Flink的Stream Job就是由一些算子构成的(Source和Sink实质也是特殊的算子而已),本文介绍常见的DataStream算子(Operator)。我用一种不太科学的方式将这些算子分成了2类,并起了一个不太严谨的名字:
- 单流算子:这类算子一般在一个流上面使用;
- 多流算子:这类算子往往操作多个流。
单流算子
单流算子大都比较简单,粗略介绍。
- map/flatmap:使用最多的算子,map是输入一个元素,输出一个元素;flatmap是输入一个元素,输出0个或多个元素。
- filter:过滤,条件为真就继续往下传,为假就过滤掉了。
- keyBy:按照一个keySelector定义的方式进行哈希分区,会将一个流分成多个Partition,经过keyBy的流变成KeyedStream。一般和其它算子一起使用。

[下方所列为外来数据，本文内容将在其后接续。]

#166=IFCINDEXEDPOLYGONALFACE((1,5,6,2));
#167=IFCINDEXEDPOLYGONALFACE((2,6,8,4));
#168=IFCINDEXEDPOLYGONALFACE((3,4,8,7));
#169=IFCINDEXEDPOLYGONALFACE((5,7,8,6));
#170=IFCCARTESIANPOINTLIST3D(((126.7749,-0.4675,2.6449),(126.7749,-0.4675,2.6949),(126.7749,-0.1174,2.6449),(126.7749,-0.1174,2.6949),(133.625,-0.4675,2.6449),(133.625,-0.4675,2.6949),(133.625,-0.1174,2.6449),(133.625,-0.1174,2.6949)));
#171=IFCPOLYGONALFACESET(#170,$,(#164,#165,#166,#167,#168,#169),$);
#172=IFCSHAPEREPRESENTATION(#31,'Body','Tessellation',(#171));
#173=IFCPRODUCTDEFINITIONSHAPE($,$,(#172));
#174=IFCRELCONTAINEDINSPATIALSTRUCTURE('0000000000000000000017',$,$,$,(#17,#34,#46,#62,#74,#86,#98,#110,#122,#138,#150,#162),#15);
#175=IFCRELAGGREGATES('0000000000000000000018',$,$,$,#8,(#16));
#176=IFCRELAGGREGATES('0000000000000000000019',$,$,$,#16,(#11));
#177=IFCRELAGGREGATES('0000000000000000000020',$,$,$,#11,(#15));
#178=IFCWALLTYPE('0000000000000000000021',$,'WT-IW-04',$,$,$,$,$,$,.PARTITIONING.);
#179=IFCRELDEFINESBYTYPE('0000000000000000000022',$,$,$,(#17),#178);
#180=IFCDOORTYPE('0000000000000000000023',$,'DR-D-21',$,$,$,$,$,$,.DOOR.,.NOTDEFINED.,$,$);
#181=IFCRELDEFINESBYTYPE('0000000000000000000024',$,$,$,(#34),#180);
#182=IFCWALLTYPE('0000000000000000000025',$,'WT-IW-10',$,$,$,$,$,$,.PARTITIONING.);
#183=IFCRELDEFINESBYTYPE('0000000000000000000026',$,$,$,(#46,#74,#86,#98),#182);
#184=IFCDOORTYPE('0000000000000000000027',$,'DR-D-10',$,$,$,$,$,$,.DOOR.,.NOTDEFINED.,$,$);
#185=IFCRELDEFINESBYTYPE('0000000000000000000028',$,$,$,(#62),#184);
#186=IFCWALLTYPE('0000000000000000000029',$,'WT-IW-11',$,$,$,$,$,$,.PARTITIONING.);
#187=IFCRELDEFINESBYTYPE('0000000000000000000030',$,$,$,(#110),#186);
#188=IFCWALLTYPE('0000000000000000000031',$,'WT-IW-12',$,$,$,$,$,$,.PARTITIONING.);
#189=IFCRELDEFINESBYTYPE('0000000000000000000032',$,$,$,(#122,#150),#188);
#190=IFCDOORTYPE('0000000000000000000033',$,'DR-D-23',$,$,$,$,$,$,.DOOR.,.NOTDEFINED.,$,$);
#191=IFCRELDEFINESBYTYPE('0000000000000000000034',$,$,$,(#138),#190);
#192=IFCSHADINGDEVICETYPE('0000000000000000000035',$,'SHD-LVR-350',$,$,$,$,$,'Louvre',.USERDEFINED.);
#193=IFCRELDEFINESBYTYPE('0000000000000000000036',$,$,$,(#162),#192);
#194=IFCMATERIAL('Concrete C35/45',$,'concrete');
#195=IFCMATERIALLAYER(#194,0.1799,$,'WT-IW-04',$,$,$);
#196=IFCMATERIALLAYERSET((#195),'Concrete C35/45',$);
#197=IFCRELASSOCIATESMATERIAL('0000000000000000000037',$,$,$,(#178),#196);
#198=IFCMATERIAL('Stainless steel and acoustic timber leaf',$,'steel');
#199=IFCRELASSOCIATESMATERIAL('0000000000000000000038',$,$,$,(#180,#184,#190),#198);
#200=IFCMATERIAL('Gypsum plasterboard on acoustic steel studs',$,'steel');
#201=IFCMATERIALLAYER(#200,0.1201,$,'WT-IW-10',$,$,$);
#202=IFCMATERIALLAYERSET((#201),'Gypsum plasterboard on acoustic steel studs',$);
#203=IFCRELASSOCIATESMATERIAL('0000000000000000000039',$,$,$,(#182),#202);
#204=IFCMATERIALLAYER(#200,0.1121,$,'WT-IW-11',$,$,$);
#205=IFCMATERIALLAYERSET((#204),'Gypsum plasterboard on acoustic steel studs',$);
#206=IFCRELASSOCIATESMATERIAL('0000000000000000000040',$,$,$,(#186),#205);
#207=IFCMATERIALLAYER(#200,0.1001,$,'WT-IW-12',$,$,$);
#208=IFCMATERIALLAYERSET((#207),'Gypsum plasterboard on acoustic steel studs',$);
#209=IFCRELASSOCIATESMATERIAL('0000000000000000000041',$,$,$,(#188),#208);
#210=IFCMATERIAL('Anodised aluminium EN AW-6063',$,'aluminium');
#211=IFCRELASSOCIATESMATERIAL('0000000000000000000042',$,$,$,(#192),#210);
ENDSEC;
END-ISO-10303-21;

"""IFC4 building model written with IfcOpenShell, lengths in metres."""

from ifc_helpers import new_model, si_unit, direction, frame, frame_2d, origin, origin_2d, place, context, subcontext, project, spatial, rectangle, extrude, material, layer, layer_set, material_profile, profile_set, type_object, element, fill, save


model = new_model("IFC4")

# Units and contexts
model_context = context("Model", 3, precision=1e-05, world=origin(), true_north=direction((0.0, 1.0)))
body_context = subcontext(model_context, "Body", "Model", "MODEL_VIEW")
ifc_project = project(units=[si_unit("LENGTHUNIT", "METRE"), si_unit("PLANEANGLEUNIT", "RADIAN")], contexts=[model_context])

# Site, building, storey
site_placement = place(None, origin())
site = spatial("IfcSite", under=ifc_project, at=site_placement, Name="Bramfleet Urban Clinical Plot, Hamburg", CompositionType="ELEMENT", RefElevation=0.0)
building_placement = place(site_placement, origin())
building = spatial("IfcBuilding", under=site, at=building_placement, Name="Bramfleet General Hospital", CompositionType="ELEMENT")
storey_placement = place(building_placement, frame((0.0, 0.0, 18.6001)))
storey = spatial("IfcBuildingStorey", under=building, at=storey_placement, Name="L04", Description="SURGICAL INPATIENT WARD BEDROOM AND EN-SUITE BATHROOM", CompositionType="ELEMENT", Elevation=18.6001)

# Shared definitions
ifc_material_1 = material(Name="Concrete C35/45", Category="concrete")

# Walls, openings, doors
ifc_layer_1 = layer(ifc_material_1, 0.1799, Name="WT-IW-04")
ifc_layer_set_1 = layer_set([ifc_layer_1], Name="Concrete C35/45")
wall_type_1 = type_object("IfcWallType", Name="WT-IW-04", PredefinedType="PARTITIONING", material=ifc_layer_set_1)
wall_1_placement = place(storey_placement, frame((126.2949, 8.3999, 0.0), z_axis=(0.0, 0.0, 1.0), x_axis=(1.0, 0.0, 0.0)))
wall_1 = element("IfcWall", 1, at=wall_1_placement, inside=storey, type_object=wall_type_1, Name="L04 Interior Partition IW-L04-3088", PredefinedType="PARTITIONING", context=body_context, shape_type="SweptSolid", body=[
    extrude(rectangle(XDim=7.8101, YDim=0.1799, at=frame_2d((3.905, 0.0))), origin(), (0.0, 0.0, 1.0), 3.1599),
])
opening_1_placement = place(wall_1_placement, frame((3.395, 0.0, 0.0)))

reduce算子:在KeyedStream上面使用,“滚动式”的操作流中的元素。比如下面这个滚动式相加的例子:
public class ReduceDemo { public static void main(String[] args) throws Exception { StreamExecutionEnvironment env = StreamExecutionEnvironment.getExecutionEnvironment(); env.setParallelism(1); // produce 1,2,3,4,5 DataStream<Long> source = env.fromSequence(1, 5); source.keyBy(value -> 1) // 所有数据在一个Partition .reduce(new ReduceFunction<Long>() { @Override public Long reduce(Long value1, Long value2) throws Exception { // value1 保存上次迭代的结果值 System.out.printf("value1: %d, value2: %d\n", value1, value2); return value1 + value2; } }).print(); env.execute(); } }
输出如下:
value1: 1, value2: 2 3 value1: 3, value2: 3 6 value1: 6, value2: 4 10 value1: 10, value2: 5 15
Aggregation算子:在KeyedStream上面使用,包括
sum
、min
、minBy
、max
,maxBy
。这些算子在DataStream/DataSet中要被废弃了(见FLIP-134),这里主要介绍一下min/minBy的区别(max/maxBy类似),直接看代码吧:public class AggregationDemo { public static void main(String[] args) throws Exception { StreamExecutionEnvironment envMin = StreamExecutionEnvironment.getExecutionEnvironment(); StreamExecutionEnvironment envMinBy = StreamExecutionEnvironment.getExecutionEnvironment(); envMin.setParallelism(1); envMinBy.setParallelism(1); List<Tuple3<Integer, Integer, Integer>> data = new ArrayList<>(); data.add(new Tuple3<>(0, 2, 4)); data.add(new Tuple3<>(0, 4, 5)); data.add(new Tuple3<>(0, 3, 3)); data.add(new Tuple3<>(0, 1, 2)); data.add(new Tuple3<>(1, 2, 4)); data.add(new Tuple3<>(1, 5, 1)); data.add(new Tuple3<>(1, 1, 0)); data.add(new Tuple3<>(1, 2, 2)); System.out.println("Min:"); DataStream<Tuple3<Integer, Integer, Integer>> sourceMin = envMin.fromCollection(data); sourceMin.keyBy(tuple3 -> tuple3.f0).min(1).print(); envMin.execute(); System.out.println("\nMinBy:"); DataStream<Tuple3<Integer, Integer, Integer>> sourceMinBy = envMinBy.fromCollection(data); sourceMinBy.keyBy(tuple3 -> tuple3.f0).minBy(1).print(); envMinBy.execute(); } }
输出结果:
Min: (0,2,4) (0,2,4) (0,2,4) (0,1,4) (1,2,4) (1,2,4) (1,1,4) (1,1,4) MinBy: (0,2,4) (0,2,4) (0,2,4) (0,1,2) (1,2,4) (1,2,4) (1,1,0) (1,1,0)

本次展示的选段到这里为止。